Together with Suárez and Gutierrez Mellado, Carrillo's passive but effective resistance that evening provided a crucial sign to his fellow Spaniards that at least part of its political classes would stand up to any attempts, at gunpoint or otherwise, to reinstate a Franco-style military dictatorship. And as King Juan Carlos said after visiting Carrillo's family to pay his condolences only two hours after his death, at 97, the Communist leader was "a fundamental person for democracy" – almost certainly a reference to the key role played by Carrillo, as head of the Communist Party until 1982, in the period of political transition and reconciliation following the death of General Franco.

Yet Carrillo's importance in Spanish politics stretches back even before Franco took power. As a teenage secretary-general of the Spanish Socialist Party's youth movement he helped forge the plans for the working class uprising in Asturias against the Republic's right-wing government in 1934 – viewed by some as the earliest battle of the Civil War that was to rip Spain apart from 1936 to 1939. He was then instrumental in the fusion of the Socialist and Communist youth movements in April 1936 – to the latter's considerable advantage, and which helped tipped the balance of Republican power in the Communists' favour during the Civil War.

Carrillo's next major role was in the War itself, where at 21, he became a public order official on the defence committee hastily formed for Madrid in the autumn of 1936 as Franco's troops approached the capital and the Republican government decamped to Valencia. While he claimed that he had no part to play in a subsequent massacre of around 2,000 Nationalist prisoners that were technically under his supervision, Carrillo remains accused of having helped organise the evacuation of the prisoners from a Madrid jail that led to the greatest single war crime committed on the Republican side during the Civil War.

After a spell in Moscow following the Republic's defeat in 1939, Carrillo continued to work his way rapidly up the Spanish Communist Party (PCE) hierarchy, first leading the exiled party in France, then becoming its secretary general in late 1959. Through the 1960s, as the PCE spearheaded a broader anti-Franco resistance movement, Carrillo gradually distanced himself from his former Russian allies. His condemnation of the Soviet invasion of Czechoslovakia in 1968 was one of the first key actions by the new political tendency of Eurocommunism, which saw several western European Communist parties pull themselves out of Moscow's orbit.

After Franco's death in November 1975, the PCE remained outlawed; hence Carrillo's return to Spain was a clandestine one, and the need to resolve its legal status became one of the most important components of the transition.

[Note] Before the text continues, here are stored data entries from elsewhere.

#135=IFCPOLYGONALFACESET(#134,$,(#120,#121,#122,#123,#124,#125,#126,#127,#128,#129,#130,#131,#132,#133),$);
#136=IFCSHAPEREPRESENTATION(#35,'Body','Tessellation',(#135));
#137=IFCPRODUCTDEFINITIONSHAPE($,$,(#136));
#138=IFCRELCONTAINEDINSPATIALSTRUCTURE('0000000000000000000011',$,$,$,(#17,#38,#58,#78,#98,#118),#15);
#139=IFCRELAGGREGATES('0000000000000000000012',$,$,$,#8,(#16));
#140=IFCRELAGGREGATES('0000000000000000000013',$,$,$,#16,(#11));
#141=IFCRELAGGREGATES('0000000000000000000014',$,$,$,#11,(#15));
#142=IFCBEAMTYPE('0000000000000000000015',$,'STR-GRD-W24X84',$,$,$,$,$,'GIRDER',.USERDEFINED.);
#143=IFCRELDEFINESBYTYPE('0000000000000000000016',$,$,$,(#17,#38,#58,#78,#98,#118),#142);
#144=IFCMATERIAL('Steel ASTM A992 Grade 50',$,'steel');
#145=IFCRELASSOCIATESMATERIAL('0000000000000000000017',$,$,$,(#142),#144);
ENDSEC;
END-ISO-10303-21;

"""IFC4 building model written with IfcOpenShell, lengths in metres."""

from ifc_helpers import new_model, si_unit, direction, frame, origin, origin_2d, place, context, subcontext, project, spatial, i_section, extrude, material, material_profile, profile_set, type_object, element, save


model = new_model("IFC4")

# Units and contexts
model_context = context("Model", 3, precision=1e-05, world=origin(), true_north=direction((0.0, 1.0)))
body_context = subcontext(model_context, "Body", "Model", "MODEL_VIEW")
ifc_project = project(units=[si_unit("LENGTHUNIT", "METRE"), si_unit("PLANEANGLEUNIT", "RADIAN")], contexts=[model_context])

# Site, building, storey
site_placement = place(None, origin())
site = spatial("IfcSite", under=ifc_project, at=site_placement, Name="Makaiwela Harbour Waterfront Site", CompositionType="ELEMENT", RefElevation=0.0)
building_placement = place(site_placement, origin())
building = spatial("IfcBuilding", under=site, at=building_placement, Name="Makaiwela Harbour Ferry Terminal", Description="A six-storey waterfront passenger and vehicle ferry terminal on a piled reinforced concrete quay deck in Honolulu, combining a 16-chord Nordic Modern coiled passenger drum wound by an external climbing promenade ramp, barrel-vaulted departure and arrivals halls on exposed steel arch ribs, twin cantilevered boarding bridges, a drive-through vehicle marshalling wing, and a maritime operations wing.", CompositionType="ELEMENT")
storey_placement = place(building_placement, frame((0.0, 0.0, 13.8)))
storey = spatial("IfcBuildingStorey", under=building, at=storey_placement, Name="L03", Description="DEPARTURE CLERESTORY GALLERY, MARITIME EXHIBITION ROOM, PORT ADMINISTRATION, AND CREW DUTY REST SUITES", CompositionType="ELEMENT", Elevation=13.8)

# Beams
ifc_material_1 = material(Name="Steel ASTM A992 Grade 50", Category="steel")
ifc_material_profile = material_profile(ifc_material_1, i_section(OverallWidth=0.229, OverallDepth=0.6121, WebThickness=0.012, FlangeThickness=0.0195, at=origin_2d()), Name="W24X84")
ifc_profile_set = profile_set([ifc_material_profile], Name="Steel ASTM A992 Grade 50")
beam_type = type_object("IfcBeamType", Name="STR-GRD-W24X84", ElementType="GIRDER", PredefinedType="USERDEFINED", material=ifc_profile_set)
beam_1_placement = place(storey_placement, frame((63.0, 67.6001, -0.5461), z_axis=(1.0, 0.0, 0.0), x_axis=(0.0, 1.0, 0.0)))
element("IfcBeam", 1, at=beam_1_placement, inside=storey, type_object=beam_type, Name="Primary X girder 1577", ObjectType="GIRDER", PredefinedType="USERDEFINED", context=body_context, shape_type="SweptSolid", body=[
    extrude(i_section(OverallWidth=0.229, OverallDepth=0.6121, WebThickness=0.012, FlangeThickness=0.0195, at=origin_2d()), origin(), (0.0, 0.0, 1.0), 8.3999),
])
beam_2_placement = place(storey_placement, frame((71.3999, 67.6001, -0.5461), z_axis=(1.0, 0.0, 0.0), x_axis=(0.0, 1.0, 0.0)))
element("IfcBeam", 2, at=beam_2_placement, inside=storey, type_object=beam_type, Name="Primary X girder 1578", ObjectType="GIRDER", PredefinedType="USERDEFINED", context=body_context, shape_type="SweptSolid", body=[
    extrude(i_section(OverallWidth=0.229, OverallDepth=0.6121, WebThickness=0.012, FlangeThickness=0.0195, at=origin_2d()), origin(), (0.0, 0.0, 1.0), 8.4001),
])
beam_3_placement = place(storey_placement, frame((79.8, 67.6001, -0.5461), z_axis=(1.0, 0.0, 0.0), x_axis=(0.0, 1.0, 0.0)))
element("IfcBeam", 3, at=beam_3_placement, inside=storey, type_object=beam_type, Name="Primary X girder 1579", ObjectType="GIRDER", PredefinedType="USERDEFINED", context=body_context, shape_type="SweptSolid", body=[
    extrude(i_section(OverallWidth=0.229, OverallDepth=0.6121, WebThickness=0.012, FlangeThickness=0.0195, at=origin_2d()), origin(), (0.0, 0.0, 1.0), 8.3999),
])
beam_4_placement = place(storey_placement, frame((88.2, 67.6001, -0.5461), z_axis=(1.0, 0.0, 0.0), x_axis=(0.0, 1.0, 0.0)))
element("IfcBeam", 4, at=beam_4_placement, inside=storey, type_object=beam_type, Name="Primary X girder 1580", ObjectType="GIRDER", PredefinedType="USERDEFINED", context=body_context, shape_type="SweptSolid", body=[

An appearance at a press conference in late 1976 which led to his brief arrest all but ensured that the government had to tackle the question of the PCE's legalisation, which duly took place the following April.

From that point on, with Carrillo preaching moderation and recognition of the monarchy, and with regular contacts between himself and President Adolfo Suarez, the Communists could no longer be depicted as the bogeymen of Spanish politics, an image which Franco had manufactured to help maintain his hold on power. Instead they were seen as willing participants in the transition towards democracy.

However, that participation came at a high price, for Carrillo and his party. The PCE lost out badly to the Socialists in Spain's first democratic elections, in 1977 and again in 1982, with four deputies elected compared with 202 for the Socialists; Carrillo's resignation as general secretary was almost inevitable. In 1985, following a power struggle, he was expelled from the party. He remained an acerbic and astute political observer and writer to the end of his life. His place in the pantheon of Spain's political giants is secure.

Santiago Carrillo: politician: born Gijon, Spain 18 January 1915; married Chon (divorced 1944; one daughter deceased), 1949 Carmen Menendez (three sons); died Madrid 19 September 2012.